Stat Trek

Teach yourself statistics

Stat Trek

Teach yourself statistics

How to Test Statistical Hypotheses

This lesson describes a general procedure that can be used to test statistical hypotheses.

How to Conduct Hypothesis Tests

All hypothesis tests are conducted the same way. The researcher states a hypothesis to be tested, formulates an analysis plan, analyzes sample data according to the plan, and accepts or rejects the null hypothesis, based on results of the analysis.

  • State the hypotheses. Every hypothesis test requires the analyst to state a null hypothesis and an alternative hypothesis. The hypotheses are stated in such a way that they are mutually exclusive. That is, if one is true, the other must be false; and vice versa.
  • Formulate an analysis plan. The analysis plan describes how to use sample data to accept or reject the null hypothesis. It should specify the following elements.
    • Significance level. Often, researchers choose significance levels equal to 0.01, 0.05, or 0.10; but any value between 0 and 1 can be used.
    • Test method. Typically, the test method involves a test statistic and a sampling distribution. Computed from sample data, the test statistic might be a mean score, proportion, difference between means, difference between proportions, z-score, t statistic, chi-square, etc. Given a test statistic and its sampling distribution, a researcher can assess probabilities associated with the test statistic. If the test statistic probability is less than the significance level, the null hypothesis is rejected.
  • Analyze sample data. Using sample data, perform computations called for in the analysis plan.
    • Test statistic. When the null hypothesis involves a mean or proportion, use either of the following equations to compute the test statistic.

      Test statistic = (Statistic - Parameter) / (Standard deviation of statistic)

      Test statistic = (Statistic - Parameter) / (Standard error of statistic)

      where Parameter is the value appearing in the null hypothesis, and Statistic is the point estimate of Parameter. As part of the analysis, you may need to compute the standard deviation or standard error of the statistic. Previously, we presented common formulas for the standard deviation and standard error. When the parameter in the null hypothesis involves categorical data, you may use a chi-square statistic as the test statistic. Instructions for computing a chi-square test statistic are presented in the lesson on the chi-square goodness of fit test.
    • P-value. The P-value is the probability of observing a sample statistic as extreme as the test statistic, assuming the null hypothesis is true.
  • Interpret the results. If the sample findings are unlikely, given the null hypothesis, the researcher rejects the null hypothesis. Typically, this involves comparing the P-value to the significance level, and rejecting the null hypothesis when the P-value is less than the significance level.

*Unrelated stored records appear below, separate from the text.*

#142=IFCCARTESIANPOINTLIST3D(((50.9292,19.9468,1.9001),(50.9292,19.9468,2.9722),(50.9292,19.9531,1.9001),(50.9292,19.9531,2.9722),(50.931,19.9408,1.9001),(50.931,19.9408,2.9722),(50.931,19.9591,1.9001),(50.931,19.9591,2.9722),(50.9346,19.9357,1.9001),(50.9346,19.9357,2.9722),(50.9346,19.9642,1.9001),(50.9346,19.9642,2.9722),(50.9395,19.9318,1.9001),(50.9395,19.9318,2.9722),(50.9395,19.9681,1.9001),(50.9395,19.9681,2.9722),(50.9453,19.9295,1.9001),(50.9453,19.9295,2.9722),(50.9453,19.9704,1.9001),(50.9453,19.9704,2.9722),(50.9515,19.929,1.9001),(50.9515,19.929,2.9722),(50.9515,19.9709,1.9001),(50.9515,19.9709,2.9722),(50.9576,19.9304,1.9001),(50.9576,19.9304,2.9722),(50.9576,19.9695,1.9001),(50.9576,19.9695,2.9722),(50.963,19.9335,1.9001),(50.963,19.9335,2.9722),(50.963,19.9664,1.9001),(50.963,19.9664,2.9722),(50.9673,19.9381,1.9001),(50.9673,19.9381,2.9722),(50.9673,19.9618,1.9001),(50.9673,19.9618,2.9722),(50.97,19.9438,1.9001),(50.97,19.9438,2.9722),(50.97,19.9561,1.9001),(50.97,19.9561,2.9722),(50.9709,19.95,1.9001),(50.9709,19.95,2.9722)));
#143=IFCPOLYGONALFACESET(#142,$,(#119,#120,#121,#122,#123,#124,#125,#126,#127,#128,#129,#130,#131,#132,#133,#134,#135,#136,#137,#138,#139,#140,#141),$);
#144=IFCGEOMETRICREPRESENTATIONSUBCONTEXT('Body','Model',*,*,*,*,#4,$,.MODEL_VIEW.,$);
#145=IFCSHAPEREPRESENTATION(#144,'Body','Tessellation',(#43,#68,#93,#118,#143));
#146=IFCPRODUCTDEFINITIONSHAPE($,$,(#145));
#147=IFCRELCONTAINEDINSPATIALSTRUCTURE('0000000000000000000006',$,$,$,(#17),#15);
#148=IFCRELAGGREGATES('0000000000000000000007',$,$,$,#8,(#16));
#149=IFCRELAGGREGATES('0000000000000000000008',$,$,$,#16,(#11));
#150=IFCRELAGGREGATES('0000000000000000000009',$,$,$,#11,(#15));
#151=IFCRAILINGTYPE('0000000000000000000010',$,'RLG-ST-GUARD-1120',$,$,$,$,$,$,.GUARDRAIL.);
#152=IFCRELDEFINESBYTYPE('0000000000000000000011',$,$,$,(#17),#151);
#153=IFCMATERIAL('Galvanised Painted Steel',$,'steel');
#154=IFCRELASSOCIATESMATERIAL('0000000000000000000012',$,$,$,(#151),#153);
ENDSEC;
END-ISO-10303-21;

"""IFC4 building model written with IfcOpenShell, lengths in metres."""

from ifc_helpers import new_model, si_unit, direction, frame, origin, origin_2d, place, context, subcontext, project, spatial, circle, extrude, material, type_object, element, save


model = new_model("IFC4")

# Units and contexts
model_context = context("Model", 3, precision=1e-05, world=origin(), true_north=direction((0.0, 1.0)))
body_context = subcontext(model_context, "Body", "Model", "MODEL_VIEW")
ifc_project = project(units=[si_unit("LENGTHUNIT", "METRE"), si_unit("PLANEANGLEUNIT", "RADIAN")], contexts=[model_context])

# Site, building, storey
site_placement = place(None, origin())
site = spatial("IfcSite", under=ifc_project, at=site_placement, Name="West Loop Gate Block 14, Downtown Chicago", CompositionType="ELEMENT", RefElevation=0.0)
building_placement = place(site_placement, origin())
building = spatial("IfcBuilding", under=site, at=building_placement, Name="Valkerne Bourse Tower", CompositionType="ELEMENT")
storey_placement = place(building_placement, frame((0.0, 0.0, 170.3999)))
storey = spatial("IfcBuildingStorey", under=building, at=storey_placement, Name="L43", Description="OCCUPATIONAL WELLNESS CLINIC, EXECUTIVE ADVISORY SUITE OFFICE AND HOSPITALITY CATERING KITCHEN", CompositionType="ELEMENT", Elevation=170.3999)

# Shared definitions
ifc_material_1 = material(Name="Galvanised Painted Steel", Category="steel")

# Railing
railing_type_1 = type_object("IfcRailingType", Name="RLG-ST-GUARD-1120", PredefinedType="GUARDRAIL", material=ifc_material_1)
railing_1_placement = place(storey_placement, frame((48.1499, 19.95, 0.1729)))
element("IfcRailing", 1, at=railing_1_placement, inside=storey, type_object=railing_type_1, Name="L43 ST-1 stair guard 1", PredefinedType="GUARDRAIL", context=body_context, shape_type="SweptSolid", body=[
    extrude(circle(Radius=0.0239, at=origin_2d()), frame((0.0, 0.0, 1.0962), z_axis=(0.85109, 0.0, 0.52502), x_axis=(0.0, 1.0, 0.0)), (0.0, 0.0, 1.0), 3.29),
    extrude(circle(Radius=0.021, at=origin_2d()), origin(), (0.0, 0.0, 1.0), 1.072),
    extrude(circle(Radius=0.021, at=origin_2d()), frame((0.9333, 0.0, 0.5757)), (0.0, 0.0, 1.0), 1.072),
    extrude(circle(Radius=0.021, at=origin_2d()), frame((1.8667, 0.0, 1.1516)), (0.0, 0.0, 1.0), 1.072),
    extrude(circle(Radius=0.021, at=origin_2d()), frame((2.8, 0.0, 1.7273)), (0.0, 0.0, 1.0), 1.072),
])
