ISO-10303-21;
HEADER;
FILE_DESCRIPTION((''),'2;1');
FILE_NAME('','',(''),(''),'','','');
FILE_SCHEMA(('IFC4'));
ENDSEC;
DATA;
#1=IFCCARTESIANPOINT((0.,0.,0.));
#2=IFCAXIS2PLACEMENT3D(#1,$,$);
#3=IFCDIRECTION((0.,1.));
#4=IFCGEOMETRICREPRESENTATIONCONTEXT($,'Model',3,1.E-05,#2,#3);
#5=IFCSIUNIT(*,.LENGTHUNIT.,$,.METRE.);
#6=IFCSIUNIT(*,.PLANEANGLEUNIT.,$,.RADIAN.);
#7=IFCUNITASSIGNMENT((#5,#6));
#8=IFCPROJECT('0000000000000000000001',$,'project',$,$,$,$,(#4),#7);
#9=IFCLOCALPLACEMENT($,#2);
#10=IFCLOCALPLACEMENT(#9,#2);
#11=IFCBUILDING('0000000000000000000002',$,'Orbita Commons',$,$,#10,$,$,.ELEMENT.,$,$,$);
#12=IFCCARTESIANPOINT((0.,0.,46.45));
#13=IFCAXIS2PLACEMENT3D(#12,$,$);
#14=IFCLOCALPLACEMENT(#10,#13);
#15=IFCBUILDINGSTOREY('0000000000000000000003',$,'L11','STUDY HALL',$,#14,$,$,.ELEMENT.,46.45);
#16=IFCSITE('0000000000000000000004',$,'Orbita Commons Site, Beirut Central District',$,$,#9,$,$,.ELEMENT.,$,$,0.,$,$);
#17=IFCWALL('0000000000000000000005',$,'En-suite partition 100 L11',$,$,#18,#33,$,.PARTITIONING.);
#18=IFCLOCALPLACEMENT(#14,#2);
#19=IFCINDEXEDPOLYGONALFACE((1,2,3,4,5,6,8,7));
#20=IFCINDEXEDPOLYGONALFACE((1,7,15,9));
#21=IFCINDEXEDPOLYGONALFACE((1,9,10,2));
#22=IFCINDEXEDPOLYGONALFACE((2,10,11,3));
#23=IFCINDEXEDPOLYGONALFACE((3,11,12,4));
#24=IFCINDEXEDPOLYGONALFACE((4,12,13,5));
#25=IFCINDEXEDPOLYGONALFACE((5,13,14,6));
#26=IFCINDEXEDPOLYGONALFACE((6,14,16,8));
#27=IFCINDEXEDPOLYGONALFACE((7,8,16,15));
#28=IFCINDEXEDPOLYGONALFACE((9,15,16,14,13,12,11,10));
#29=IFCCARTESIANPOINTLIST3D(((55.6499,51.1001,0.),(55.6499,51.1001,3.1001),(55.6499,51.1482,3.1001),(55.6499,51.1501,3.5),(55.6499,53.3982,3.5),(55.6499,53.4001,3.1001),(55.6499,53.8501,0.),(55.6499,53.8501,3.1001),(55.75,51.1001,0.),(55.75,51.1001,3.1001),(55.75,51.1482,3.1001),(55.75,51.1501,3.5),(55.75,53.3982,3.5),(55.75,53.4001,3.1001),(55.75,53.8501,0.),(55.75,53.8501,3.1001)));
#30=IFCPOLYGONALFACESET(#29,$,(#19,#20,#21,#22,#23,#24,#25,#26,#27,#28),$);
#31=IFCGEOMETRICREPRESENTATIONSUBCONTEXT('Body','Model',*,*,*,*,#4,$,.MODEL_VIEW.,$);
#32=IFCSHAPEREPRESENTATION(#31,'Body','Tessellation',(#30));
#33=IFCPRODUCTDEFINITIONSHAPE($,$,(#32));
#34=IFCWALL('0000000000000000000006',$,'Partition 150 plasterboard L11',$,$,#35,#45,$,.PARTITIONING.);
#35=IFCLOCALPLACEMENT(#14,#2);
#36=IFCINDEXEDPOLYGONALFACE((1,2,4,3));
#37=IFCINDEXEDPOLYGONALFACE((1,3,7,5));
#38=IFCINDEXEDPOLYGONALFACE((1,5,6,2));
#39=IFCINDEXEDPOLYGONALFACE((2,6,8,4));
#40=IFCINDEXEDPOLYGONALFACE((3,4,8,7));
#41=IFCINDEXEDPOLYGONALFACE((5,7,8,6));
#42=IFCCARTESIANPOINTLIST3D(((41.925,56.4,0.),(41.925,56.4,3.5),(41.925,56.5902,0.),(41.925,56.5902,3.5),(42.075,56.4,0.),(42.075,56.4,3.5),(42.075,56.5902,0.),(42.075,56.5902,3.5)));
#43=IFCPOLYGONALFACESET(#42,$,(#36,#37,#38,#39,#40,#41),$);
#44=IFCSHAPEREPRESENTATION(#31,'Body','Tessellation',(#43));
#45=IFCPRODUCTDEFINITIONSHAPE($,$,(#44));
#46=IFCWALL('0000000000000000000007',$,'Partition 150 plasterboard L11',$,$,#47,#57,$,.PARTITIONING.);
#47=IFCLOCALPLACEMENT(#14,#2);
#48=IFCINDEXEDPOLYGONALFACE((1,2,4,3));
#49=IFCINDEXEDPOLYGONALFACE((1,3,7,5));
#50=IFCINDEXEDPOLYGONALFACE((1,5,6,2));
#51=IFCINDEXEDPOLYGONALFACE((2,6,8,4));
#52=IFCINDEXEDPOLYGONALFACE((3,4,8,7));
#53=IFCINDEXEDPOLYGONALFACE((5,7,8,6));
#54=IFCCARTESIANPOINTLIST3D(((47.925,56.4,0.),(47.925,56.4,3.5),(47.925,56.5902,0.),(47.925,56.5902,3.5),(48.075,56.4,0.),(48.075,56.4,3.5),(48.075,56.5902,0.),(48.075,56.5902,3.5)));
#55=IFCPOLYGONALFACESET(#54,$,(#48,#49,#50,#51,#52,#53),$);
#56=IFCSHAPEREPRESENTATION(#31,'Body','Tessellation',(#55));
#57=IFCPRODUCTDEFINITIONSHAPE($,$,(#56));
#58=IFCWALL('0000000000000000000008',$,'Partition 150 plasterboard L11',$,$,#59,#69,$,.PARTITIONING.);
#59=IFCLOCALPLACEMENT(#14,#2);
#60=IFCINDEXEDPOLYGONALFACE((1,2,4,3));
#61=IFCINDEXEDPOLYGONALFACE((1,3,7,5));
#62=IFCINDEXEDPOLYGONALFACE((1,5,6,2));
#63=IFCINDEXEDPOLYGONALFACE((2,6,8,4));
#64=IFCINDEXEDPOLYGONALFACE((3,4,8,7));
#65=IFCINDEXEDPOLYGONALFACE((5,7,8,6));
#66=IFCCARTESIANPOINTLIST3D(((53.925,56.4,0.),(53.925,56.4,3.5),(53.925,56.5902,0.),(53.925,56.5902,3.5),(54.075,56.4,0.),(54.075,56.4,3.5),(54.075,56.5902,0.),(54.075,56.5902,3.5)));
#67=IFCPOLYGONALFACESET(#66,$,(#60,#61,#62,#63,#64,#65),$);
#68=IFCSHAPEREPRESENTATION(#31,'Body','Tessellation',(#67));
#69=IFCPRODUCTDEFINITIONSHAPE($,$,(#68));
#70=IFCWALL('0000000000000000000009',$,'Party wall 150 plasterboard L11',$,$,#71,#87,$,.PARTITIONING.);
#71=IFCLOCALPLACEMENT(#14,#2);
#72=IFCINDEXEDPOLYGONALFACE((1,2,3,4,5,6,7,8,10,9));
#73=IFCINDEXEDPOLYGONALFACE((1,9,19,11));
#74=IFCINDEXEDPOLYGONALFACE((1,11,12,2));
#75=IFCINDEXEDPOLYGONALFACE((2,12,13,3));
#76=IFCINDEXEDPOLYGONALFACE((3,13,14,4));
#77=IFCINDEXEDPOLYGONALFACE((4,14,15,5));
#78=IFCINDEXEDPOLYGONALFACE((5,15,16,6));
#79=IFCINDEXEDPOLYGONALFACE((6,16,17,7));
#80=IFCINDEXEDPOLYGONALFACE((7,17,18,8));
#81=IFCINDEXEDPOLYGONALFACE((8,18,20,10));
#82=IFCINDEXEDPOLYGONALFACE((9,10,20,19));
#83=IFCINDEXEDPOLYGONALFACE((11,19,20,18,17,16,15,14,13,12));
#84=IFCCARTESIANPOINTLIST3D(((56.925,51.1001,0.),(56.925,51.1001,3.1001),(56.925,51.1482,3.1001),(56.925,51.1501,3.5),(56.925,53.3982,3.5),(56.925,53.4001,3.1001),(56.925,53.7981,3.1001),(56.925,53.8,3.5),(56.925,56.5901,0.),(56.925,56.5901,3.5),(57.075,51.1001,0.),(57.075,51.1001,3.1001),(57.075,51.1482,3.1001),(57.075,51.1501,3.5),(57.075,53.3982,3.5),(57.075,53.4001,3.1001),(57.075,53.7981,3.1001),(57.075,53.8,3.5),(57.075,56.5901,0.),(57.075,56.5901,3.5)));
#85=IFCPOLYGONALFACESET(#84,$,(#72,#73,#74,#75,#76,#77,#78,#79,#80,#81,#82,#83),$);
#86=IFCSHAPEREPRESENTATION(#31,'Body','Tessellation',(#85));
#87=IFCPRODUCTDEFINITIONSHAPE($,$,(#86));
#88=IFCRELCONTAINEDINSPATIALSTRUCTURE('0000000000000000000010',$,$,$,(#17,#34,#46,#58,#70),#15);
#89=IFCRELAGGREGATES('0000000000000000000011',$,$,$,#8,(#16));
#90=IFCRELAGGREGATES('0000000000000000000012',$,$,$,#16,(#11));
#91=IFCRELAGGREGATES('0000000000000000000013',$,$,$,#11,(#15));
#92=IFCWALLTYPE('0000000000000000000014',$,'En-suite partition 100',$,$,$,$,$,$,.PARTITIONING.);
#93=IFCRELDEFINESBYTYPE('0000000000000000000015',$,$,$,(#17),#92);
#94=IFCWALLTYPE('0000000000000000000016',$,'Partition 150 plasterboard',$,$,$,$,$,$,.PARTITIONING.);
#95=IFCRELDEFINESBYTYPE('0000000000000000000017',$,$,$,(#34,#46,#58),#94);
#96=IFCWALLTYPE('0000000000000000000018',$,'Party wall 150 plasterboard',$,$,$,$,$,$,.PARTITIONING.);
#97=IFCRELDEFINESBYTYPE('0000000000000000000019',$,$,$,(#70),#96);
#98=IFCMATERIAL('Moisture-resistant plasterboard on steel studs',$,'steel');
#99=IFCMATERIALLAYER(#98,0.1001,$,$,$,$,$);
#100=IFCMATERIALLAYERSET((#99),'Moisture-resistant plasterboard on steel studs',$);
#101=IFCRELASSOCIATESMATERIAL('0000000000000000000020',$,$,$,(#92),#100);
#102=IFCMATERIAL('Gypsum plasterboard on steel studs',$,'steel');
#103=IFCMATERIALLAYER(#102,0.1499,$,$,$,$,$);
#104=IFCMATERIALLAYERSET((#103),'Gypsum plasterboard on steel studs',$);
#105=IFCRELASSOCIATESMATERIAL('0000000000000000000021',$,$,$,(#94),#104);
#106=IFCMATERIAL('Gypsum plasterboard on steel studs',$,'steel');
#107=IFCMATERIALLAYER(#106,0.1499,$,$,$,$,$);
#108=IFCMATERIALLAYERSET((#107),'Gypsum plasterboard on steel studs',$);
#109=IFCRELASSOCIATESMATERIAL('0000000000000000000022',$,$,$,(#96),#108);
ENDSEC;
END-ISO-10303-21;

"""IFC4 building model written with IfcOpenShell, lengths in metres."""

from ifc_helpers import new_model, si_unit, direction, frame, frame_2d, origin, place, context, subcontext, project, spatial, polyline, rectangle, outline, extrude, material, layer, layer_set, type_object, element, save


model = new_model("IFC4")

# Units and contexts
model_context = context("Model", 3, precision=1e-05, world=origin(), true_north=direction((0.0, 1.0)))
body_context = subcontext(model_context, "Body", "Model", "MODEL_VIEW")
ifc_project = project(units=[si_unit("LENGTHUNIT", "METRE"), si_unit("PLANEANGLEUNIT", "RADIAN")], contexts=[model_context])

# Site, building, storey
site_placement = place(None, origin())
site = spatial("IfcSite", under=ifc_project, at=site_placement, Name="Orbita Commons Site, Beirut Central District", CompositionType="ELEMENT", RefElevation=0.0)
building_placement = place(site_placement, origin())
building = spatial("IfcBuilding", under=site, at=building_placement, Name="Orbita Commons", CompositionType="ELEMENT")
storey_placement = place(building_placement, frame((0.0, 0.0, 46.45)))
storey = spatial("IfcBuildingStorey", under=building, at=storey_placement, Name="L11", Description="STUDY HALL", CompositionType="ELEMENT", Elevation=46.45)

# Shared definitions
ifc_material_1 = material(Name="Moisture-resistant plasterboard on steel studs", Category="steel")
ifc_layer_1 = layer(ifc_material_1, 0.1001)
ifc_layer_set_1 = layer_set([ifc_layer_1], Name="Moisture-resistant plasterboard on steel studs")
wall_type_1 = type_object("IfcWallType", Name="En-suite partition 100", PredefinedType="PARTITIONING", material=ifc_layer_set_1)

# Walls
wall_1_placement = place(storey_placement, frame((55.7, 53.8501, 0.0), z_axis=(0.0, 0.0, 1.0), x_axis=(0.0, -1.0, 0.0)))
element("IfcWall", 1, at=wall_1_placement, inside=storey, type_object=wall_type_1, Name="En-suite partition 100 L11", PredefinedType="PARTITIONING", context=body_context, shape_type="SweptSolid", body=[
    extrude(outline(polyline([(0.0, 0.0), (2.75, 0.0), (2.75, 3.1001), (2.7019, 3.1001), (2.7, 3.5), (0.4519, 3.5), (0.45, 3.1001), (0.0, 3.1001), (0.0, 0.0)])), frame((0.0, 0.05, 0.0), z_axis=(0.0, -1.0, 0.0), x_axis=(1.0, 0.0, 0.0)), (0.0, 0.0, 1.0), 0.1001),
])
ifc_material_2 = material(Name="Gypsum plasterboard on steel studs", Category="steel")
ifc_layer_2 = layer(ifc_material_2, 0.1499)
ifc_layer_set_2 = layer_set([ifc_layer_2], Name="Gypsum plasterboard on steel studs")
wall_type_2 = type_object("IfcWallType", Name="Partition 150 plasterboard", PredefinedType="PARTITIONING", material=ifc_layer_set_2)
for number, where, z_axis, x_axis, name in (
    (2, (42.0, 56.3999, 0.0), (0.0, 0.0, 1.0), (0.0, 1.0, 0.0), "Partition 150 plasterboard L11"),
    (3, (48.0, 56.3999, 0.0), (0.0, 0.0, 1.0), (0.0, 1.0, 0.0), "Partition 150 plasterboard L11"),
    (4, (54.0, 56.3999, 0.0), (0.0, 0.0, 1.0), (0.0, 1.0, 0.0), "Partition 150 plasterboard L11"),
):
    element("IfcWall", number, at=place(storey_placement, frame(where, z_axis=z_axis, x_axis=x_axis)), inside=storey, type_object=wall_type_2, Name=name, PredefinedType="PARTITIONING", context=body_context, shape_type="SweptSolid", body=[
        extrude(rectangle(XDim=0.1902, YDim=0.1499, at=frame_2d((0.0952, 0.0))), origin(), (0.0, 0.0, 1.0), 3.5),
    ])
ifc_material_3 = material(Name="Gypsum plasterboard on steel studs", Category="steel")
ifc_layer_3 = layer(ifc_material_3, 0.1499)
ifc_layer_set_3 = layer_set([ifc_layer_3], Name="Gypsum plasterboard on steel studs")
wall_type_3 = type_object("IfcWallType", Name="Party wall 150 plasterboard", PredefinedType="PARTITIONING", material=ifc_layer_set_3)
wall_2_placement = place(storey_placement, frame((57.0, 56.5901, 0.0), z_axis=(0.0, 0.0, 1.0), x_axis=(0.0, -1.0, 0.0)))
element("IfcWall", 5, at=wall_2_placement, inside=storey, type_object=wall_type_3, Name="Party wall 150 plasterboard L11", PredefinedType="PARTITIONING", context=body_context, shape_type="SweptSolid", body=[
    extrude(outline(polyline([(0.0, 0.0), (5.49, 0.0), (5.49, 3.1001), (5.4419, 3.1001), (5.4399, 3.5), (3.1919, 3.5), (3.1899, 3.1001), (2.792, 3.1001), (2.79, 3.5), (0.0, 3.5), (0.0, 0.0)])), frame((0.0, 0.075, 0.0), z_axis=(0.0, -1.0, 0.0), x_axis=(1.0, 0.0, 0.0)), (0.0, 0.0, 1.0), 0.1499),
])

save(model, "model.ifc")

Applications of the General Hypothesis Testing Procedure

The next few lessons show how to apply the general hypothesis testing procedure to different kinds of statistical problems.

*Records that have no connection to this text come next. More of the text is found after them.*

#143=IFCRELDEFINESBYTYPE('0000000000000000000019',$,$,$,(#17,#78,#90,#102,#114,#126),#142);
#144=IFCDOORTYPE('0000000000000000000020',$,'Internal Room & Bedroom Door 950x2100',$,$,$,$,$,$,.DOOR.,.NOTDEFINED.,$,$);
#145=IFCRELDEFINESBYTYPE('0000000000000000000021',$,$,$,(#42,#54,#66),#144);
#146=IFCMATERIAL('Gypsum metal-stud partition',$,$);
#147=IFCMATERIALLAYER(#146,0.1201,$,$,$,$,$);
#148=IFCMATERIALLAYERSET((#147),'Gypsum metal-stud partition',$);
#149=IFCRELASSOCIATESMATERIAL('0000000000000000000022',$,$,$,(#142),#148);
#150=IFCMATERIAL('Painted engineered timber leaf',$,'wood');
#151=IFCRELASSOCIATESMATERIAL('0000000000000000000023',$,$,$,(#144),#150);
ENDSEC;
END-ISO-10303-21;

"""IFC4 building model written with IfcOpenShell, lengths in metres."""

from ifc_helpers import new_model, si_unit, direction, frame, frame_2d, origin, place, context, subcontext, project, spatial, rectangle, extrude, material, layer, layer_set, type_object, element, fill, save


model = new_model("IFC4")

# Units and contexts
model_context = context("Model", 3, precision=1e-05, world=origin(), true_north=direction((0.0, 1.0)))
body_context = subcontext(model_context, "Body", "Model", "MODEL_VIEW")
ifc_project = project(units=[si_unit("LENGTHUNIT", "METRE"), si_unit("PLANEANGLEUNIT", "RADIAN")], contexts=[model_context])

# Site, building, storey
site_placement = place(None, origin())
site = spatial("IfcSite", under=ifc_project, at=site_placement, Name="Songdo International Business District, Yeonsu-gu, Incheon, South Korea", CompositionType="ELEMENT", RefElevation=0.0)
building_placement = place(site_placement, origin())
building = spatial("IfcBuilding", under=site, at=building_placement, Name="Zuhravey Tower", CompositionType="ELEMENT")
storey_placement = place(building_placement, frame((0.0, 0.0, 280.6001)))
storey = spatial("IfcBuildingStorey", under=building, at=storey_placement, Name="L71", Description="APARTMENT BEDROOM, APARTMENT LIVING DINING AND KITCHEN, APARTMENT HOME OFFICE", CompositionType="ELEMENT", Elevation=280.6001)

At this point, don't worry if the general procedure for testing hypotheses seems a little bit unclear. The procedure will be clearer as you see it applied in the next few lessons.

Test Your Understanding

Problem 1

In hypothesis testing, which of the following statements is always true?

I. The P-value is greater than the significance level.
II. The P-value is computed from the significance level.
III. The P-value is the parameter in the null hypothesis.
IV. The P-value is a test statistic.
V. The P-value is a probability.

(A) I only
(B) II only
(C) III only
(D) IV only
(E) V only


The correct answer is (E). The P-value is the probability of observing a sample statistic as extreme as the test statistic. It can be greater than the significance level, but it can also be smaller than the significance level. It is not computed from the significance level, it is not the parameter in the null hypothesis, and it is not a test statistic.